Landing Point · BR Brazil
| Cable | Status |
|---|---|
| Norte Conectado (Infovia 02) | Active |
RTT measurements to this landing point from 2026-03-10 through 2026-04-27 — live ICMP round-trip time via RIPE Atlas probes. Recomputed daily. ✓ No anomalies detected in the monitored period.
| Probe | Location | Samples | Avg |
|---|---|---|---|
| #1014473 own probe | Minsk BY | 6 | 272.8 ms |
| #1014589 own probe | Almaty KZ | 6 | 298.5 ms |
| #1014597 own probe | Tbilisi GE | 6 | 271.7 ms |
| #1014969 own probe | Jerusalem IL | 5 | 275.6 ms |
| #1015313 own probe | Sevastopol UA | 4 | 311.0 ms |
| #1015523 own probe | Moscow RU | 2 | 265.8 ms |
Tabatinga is a municipality in the western reaches of the Brazilian state of Amazonas, situated in the Três Fronteiras region where Brazil meets its western neighbors. Despite its deep inland position along the Amazon river system, Tabatinga hosts submarine cable infrastructure, demonstrating how Brazil's fiber network extends far beyond its Atlantic coastline. One submarine cable lands at Tabatinga, connecting this remote western municipality to the broader national digital network.
The cable landing at Tabatinga is part of the Norte Conectado (Infovia 02) system, a domestic route that links points entirely within Brazil. This configuration establishes Tabatinga as a terminus on an intra-national corridor rather than a gateway to international destinations, positioning the city as a node in Brazil's effort to extend connectivity to its more distant interior regions.
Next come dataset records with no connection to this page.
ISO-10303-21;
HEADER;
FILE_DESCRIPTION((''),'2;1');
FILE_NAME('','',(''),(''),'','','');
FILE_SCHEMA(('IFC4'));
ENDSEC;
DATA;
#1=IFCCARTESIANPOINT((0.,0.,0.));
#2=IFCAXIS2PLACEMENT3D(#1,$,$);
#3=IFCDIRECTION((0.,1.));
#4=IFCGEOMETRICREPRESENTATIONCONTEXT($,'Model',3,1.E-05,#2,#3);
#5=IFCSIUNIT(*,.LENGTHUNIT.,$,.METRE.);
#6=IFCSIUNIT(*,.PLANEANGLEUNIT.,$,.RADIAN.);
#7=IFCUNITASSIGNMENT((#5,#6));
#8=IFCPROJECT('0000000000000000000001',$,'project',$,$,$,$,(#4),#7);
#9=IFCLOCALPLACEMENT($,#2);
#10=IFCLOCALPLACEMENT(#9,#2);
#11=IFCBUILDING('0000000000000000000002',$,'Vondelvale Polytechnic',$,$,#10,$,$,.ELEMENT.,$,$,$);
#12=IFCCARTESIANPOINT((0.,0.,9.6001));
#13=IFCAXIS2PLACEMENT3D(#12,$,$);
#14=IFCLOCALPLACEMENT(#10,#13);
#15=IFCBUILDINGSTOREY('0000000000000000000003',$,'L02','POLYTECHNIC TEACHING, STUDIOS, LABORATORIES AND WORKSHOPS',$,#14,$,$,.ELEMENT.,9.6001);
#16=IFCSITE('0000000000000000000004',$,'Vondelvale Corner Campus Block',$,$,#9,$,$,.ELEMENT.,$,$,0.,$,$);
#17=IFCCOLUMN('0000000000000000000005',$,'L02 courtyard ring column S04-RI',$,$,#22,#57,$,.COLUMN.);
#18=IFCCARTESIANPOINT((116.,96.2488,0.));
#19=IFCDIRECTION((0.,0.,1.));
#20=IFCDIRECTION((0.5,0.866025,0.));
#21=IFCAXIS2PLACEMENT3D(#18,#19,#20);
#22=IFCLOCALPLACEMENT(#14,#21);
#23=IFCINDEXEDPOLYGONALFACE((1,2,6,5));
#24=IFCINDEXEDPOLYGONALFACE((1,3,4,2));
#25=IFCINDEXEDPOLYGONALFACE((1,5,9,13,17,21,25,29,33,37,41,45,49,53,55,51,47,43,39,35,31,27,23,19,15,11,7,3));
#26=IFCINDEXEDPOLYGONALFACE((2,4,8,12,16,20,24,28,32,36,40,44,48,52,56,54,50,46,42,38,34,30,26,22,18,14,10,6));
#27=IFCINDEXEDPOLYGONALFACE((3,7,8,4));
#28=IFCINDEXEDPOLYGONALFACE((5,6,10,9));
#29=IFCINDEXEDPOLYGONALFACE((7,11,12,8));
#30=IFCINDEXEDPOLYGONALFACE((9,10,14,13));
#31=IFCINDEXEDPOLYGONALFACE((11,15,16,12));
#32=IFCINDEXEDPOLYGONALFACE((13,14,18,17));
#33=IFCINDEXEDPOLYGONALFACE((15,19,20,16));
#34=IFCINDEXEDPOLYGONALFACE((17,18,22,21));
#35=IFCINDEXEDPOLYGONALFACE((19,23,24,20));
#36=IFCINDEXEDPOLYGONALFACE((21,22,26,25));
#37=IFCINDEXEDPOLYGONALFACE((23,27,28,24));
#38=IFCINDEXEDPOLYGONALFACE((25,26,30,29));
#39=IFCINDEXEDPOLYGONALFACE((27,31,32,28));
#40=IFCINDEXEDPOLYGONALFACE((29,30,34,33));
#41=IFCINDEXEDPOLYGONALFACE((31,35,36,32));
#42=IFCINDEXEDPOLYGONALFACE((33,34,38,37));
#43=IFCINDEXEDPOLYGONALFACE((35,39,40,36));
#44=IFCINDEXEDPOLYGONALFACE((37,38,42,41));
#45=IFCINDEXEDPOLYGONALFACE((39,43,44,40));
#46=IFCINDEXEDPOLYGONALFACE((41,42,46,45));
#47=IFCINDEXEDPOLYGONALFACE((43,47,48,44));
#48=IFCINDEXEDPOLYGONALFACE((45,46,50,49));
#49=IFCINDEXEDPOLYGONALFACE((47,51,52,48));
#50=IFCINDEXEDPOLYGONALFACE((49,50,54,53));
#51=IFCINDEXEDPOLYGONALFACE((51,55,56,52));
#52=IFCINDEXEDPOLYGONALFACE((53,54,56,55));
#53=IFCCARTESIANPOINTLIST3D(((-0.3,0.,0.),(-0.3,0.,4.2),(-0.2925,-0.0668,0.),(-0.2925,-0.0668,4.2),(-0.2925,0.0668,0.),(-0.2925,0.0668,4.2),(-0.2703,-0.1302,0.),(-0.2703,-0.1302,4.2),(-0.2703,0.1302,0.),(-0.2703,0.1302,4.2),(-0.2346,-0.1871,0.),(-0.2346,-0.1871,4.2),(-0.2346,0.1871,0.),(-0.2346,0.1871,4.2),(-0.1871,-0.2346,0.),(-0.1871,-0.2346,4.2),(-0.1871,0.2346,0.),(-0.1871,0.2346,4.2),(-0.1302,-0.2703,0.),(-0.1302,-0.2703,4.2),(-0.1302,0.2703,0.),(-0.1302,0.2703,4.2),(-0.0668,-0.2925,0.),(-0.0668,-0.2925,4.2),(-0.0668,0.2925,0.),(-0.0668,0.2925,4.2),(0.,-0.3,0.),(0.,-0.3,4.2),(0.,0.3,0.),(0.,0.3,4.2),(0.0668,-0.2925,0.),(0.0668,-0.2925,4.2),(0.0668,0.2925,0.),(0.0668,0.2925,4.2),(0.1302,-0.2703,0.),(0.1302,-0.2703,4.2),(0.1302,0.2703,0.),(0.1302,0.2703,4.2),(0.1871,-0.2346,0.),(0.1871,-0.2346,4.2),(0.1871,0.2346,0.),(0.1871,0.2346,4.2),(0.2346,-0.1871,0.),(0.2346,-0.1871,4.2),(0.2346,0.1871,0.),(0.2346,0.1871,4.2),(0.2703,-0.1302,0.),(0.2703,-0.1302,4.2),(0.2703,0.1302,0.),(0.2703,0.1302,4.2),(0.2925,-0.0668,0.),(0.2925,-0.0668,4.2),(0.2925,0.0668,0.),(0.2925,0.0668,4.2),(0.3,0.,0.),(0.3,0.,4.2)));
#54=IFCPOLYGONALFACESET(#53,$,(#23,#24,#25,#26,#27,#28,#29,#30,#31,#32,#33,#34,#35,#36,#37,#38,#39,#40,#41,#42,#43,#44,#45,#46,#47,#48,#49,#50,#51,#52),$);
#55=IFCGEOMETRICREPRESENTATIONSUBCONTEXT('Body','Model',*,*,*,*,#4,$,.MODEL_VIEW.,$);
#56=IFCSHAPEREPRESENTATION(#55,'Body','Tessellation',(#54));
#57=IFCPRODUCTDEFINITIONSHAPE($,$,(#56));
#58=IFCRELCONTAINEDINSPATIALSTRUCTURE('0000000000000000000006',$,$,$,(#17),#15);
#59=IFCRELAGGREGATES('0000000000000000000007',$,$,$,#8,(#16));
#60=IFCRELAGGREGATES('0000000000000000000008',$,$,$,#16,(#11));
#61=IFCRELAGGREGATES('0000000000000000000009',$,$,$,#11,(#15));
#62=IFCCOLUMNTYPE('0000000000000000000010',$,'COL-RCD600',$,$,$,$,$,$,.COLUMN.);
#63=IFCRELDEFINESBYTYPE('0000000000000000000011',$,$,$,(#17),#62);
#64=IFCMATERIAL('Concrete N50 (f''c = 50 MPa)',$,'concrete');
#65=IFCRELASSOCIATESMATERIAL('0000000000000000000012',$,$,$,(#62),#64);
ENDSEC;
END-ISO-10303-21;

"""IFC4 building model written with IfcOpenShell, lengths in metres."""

from ifc_helpers import new_model, si_unit, direction, frame, origin, origin_2d, place, context, subcontext, project, spatial, circle, extrude, material, material_profile, profile_set, type_object, element, save


model = new_model("IFC4")

# Units and contexts
model_context = context("Model", 3, precision=1e-05, world=origin(), true_north=direction((0.0, 1.0)))
body_context = subcontext(model_context, "Body", "Model", "MODEL_VIEW")
ifc_project = project(units=[si_unit("LENGTHUNIT", "METRE"), si_unit("PLANEANGLEUNIT", "RADIAN")], contexts=[model_context])

# Site, building, storey
site_placement = place(None, origin())
site = spatial("IfcSite", under=ifc_project, at=site_placement, Name="Vondelvale Corner Campus Block", CompositionType="ELEMENT", RefElevation=0.0)
building_placement = place(site_placement, origin())
building = spatial("IfcBuilding", under=site, at=building_placement, Name="Vondelvale Polytechnic", CompositionType="ELEMENT")
storey_placement = place(building_placement, frame((0.0, 0.0, 9.6001)))
storey = spatial("IfcBuildingStorey", under=building, at=storey_placement, Name="L02", Description="POLYTECHNIC TEACHING, STUDIOS, LABORATORIES AND WORKSHOPS", CompositionType="ELEMENT", Elevation=9.6001)

# Column
ifc_material_1 = material(Name="Concrete N50 (f'c = 50 MPa)", Category="concrete")
ifc_material_profile_1 = material_profile(ifc_material_1, circle(Radius=0.3, at=origin_2d()), Name="RC-COL-D600")
ifc_profile_set_1 = profile_set([ifc_material_profile_1], Name="Concrete N50 (f'c = 50 MPa)")
column_type_1 = type_object("IfcColumnType", Name="COL-RCD600", PredefinedType="COLUMN", material=ifc_profile_set_1)
column_1_placement = place(storey_placement, frame((116.0, 96.2488, 0.0), z_axis=(0.0, 0.0, 1.0), x_axis=(0.5, 0.866025, 0.0)))
element("IfcColumn", 1, at=column_1_placement, inside=storey, type_object=column_type_1, Name="L02 courtyard ring column S04-RI", PredefinedType="COLUMN", context=body_context, shape_type="SweptSolid", body=[
    extrude(circle(Radius=0.3, at=origin_2d()), origin(), (0.0, 0.0, 1.0), 4.2),
])

save(model, "model.ifc")
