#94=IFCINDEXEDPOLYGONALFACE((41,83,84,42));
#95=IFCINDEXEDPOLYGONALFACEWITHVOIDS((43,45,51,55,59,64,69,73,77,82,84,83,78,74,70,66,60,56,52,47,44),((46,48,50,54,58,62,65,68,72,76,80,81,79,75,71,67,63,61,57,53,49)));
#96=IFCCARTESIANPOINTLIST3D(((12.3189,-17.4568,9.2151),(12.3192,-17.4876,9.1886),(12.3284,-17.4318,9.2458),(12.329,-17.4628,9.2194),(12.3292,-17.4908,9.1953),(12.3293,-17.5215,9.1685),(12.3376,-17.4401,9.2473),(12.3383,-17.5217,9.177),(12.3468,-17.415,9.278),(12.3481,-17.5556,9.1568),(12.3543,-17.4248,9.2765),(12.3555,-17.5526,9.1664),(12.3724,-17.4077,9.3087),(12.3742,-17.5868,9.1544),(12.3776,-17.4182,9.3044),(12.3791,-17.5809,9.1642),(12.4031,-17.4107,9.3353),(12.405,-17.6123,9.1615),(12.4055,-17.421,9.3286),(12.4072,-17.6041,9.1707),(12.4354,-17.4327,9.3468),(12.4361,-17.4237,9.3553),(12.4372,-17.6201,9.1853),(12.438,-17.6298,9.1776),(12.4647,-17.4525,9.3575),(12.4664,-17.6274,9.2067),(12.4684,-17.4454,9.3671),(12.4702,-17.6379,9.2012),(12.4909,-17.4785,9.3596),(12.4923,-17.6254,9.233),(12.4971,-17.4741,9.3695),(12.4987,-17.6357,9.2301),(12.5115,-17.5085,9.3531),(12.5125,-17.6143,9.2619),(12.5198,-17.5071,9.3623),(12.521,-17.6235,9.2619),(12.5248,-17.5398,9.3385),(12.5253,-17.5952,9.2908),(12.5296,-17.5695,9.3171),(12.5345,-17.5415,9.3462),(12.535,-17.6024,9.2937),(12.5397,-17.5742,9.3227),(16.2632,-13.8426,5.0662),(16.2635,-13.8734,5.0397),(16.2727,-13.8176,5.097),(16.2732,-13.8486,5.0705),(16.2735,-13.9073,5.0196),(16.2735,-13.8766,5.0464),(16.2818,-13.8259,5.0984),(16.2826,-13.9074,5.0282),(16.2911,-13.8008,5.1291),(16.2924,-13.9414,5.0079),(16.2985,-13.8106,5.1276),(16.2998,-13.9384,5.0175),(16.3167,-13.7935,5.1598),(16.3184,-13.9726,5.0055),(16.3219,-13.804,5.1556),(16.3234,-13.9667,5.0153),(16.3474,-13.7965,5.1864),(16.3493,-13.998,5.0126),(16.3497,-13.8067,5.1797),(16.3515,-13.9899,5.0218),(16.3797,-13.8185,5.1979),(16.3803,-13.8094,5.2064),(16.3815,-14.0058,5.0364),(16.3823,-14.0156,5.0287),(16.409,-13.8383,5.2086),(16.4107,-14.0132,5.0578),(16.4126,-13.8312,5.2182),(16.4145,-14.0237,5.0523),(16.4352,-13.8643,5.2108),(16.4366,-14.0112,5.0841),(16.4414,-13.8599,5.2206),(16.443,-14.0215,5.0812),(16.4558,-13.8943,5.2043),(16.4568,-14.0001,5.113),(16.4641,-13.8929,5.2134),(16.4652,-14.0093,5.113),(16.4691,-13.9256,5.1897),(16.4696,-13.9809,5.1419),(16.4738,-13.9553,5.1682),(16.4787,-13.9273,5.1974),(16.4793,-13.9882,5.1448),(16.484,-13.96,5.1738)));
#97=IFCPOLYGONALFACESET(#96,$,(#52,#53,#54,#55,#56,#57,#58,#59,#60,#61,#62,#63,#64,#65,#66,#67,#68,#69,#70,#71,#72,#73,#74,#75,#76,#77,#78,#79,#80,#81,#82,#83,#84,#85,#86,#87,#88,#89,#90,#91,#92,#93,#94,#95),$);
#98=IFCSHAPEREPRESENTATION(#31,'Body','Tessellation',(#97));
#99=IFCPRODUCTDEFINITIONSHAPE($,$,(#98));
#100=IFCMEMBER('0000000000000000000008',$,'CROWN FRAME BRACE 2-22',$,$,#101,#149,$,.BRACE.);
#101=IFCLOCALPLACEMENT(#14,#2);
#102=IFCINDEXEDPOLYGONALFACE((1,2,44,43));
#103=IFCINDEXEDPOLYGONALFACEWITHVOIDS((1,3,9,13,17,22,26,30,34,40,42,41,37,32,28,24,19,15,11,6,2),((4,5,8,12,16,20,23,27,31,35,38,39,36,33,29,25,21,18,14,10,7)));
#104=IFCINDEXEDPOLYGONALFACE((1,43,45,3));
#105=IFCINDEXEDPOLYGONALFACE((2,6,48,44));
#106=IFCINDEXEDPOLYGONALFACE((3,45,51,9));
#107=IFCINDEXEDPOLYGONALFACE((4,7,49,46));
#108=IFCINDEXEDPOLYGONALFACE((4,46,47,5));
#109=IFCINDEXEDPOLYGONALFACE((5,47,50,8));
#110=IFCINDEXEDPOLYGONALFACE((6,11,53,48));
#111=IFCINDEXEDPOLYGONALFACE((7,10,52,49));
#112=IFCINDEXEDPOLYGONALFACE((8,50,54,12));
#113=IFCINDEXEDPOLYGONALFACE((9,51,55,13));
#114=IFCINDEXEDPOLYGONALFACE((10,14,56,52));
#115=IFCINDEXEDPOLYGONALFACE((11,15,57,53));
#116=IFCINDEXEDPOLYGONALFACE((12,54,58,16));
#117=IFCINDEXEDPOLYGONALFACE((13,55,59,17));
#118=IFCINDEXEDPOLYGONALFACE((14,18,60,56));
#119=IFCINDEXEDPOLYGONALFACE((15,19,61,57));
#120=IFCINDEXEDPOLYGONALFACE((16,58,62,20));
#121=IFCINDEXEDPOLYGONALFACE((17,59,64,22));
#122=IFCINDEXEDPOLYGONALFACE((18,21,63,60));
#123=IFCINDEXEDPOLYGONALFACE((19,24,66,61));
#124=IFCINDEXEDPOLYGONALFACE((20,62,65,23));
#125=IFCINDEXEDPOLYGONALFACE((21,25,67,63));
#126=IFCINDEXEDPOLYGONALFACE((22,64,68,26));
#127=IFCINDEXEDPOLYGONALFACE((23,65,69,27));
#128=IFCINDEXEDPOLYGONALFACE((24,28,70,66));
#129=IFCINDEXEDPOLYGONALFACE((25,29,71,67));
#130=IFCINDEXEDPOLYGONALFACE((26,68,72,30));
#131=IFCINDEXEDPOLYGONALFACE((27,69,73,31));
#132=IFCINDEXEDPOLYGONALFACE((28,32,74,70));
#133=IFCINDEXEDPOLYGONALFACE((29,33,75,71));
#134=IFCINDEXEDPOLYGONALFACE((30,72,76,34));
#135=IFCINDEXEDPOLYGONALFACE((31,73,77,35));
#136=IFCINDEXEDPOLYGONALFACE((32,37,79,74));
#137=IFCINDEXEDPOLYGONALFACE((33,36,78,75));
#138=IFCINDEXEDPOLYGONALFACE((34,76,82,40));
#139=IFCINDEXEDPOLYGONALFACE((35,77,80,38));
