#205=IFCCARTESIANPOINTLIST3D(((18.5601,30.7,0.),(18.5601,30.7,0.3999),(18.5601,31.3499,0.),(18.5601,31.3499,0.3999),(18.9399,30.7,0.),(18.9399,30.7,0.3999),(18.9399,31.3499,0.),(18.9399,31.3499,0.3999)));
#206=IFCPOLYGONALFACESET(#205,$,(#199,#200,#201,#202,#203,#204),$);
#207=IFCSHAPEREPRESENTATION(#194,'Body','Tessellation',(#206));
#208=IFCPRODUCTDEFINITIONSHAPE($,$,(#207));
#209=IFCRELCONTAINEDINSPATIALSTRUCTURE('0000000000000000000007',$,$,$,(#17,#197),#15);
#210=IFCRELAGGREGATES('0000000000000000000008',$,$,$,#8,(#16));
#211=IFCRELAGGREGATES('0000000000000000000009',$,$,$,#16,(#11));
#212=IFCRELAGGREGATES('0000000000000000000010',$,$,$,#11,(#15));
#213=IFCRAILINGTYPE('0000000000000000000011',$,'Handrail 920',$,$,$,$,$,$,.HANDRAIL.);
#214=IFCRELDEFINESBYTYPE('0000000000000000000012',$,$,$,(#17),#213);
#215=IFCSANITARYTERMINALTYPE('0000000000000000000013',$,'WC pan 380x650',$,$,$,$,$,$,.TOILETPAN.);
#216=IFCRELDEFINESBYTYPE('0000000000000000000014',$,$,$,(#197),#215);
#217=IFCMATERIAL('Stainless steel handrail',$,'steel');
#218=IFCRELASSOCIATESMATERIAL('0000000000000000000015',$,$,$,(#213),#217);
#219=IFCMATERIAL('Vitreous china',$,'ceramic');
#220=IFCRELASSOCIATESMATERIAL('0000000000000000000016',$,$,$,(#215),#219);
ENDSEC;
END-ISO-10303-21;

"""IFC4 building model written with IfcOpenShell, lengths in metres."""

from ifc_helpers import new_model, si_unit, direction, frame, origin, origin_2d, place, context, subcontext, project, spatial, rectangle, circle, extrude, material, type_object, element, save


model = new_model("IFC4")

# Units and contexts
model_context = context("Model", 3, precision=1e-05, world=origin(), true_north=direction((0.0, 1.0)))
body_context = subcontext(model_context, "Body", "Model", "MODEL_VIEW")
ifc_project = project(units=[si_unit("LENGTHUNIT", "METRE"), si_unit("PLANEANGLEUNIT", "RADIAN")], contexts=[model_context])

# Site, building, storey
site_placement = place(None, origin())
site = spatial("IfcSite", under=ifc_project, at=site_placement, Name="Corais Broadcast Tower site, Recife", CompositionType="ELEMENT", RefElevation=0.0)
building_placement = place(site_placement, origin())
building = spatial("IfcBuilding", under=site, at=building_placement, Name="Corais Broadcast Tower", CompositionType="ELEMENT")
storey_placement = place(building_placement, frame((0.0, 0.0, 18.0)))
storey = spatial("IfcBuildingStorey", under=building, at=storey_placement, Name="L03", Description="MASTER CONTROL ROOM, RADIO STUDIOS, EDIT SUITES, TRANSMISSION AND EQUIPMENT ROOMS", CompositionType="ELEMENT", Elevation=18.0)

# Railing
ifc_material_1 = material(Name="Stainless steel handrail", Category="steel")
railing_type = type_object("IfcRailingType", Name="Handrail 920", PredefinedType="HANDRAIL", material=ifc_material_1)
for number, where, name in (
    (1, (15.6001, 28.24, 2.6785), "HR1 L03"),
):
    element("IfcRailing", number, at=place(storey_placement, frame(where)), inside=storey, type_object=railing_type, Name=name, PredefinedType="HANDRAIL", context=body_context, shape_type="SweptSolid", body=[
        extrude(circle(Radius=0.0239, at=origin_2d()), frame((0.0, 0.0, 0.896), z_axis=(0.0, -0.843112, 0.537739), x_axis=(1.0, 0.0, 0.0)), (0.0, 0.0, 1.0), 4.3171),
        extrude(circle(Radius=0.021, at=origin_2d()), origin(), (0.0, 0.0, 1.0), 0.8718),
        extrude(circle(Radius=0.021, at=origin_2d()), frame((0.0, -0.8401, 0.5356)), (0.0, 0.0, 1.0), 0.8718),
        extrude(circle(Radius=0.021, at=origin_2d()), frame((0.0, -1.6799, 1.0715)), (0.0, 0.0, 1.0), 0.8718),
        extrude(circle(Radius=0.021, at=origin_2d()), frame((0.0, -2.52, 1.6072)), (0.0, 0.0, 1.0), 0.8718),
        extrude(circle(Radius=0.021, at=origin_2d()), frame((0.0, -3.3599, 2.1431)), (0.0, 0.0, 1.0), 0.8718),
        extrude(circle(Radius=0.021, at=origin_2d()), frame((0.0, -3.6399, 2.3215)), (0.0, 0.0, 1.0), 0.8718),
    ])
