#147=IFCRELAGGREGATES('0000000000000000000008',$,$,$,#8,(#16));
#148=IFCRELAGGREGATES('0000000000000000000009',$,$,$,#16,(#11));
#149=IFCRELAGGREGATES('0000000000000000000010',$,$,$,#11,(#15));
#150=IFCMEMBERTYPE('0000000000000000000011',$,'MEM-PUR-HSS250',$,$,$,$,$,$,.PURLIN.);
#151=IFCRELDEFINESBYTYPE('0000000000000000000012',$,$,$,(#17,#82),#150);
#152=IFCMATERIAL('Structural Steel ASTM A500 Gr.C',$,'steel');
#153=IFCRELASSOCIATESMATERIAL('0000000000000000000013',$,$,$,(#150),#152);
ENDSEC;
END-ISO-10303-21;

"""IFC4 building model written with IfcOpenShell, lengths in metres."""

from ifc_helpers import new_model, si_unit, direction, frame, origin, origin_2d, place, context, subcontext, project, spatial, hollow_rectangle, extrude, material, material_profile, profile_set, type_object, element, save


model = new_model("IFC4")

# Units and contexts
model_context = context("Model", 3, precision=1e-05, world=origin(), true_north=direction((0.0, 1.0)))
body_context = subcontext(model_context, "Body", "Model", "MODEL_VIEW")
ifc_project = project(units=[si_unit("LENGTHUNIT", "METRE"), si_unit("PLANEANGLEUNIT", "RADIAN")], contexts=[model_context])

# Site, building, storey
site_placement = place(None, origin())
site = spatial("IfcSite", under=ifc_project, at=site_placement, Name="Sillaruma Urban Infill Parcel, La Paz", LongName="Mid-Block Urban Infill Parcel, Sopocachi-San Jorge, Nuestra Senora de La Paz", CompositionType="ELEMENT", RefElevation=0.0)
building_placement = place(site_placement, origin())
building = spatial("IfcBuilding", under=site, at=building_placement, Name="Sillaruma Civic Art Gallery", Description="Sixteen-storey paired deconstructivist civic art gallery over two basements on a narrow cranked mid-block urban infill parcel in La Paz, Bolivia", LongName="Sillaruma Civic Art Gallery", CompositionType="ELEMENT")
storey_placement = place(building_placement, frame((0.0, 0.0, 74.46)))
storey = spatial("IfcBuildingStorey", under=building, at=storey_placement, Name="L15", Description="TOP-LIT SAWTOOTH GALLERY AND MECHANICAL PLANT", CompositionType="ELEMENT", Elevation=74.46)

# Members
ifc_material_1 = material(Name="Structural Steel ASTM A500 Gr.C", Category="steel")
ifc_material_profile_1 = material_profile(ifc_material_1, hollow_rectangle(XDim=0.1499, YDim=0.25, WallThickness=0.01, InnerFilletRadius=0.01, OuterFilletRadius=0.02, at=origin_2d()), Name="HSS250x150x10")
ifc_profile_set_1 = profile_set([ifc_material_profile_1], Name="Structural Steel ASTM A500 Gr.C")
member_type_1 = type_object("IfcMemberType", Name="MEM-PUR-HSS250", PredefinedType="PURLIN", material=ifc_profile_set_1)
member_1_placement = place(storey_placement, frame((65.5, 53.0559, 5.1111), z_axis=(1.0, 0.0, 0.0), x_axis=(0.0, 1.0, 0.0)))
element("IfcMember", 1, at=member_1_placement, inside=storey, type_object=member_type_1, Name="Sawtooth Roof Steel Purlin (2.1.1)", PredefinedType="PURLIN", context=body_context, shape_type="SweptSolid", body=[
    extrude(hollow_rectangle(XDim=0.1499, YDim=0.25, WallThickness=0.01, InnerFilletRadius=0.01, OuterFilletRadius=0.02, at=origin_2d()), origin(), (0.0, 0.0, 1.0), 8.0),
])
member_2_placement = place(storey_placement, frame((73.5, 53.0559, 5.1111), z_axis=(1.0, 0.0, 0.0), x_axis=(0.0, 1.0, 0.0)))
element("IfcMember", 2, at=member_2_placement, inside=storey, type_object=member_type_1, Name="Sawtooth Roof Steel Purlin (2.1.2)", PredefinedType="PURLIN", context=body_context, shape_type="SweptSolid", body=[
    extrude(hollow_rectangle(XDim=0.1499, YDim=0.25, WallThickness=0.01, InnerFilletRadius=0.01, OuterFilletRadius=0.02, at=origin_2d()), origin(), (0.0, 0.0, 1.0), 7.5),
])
Norte Conectado (Infovia 02) is a submarine cable measuring 1,796 km in length, with a scheduled ready-for-service date of 2026, currently in draft status. All other endpoints on this cable are also located within Brazil, making it a wholly domestic system. The cable connects Tabatinga to other Brazilian landing points along its route, providing a submarine fiber link that traverses the waterways of the Amazon basin to reach this far-western municipality.
Within Brazil's submarine cable landscape, which spans 22 cables across 64 landing points, Tabatinga sits among the country's smaller landing points by cable count. Major hubs such as Fortaleza with 10 cables and Rio de Janeiro with 8 cables anchor Brazil's international connectivity, while Santos, Praia Grande, and Salvador each host between 3 and 5 cables. Tabatinga shares its single-cable status with a number of Brazil's more remote landing points, and is comparable in scale to peers like Autazes, which hosts 2 cables and similarly serves the interior Amazonian corridor.
Tabatinga functions as a single-cable terminus on the Norte Conectado (Infovia 02) system, a domestic submarine route designed to bring fiber connectivity into the western Amazon. Rather than serving as a hub for intercontinental traffic, Tabatinga's role is oriented toward extending Brazil's national network into one of the country's most geographically remote regions. The cable's 1,796 km length reflects the significant distance that must be bridged to connect this municipality to the rest of Brazil's infrastructure.
Within Brazil's submarine cable graph, Tabatinga represents the westernmost reach of a national domestic cabling effort, illustrating how submarine routes in Brazil are not confined to the Atlantic coast but also travel inland through river systems to serve municipalities far from the ocean. Its inclusion in the Norte Conectado (Infovia 02) system underscores the geographic breadth of Brazil's approach to closing connectivity gaps across its vast interior.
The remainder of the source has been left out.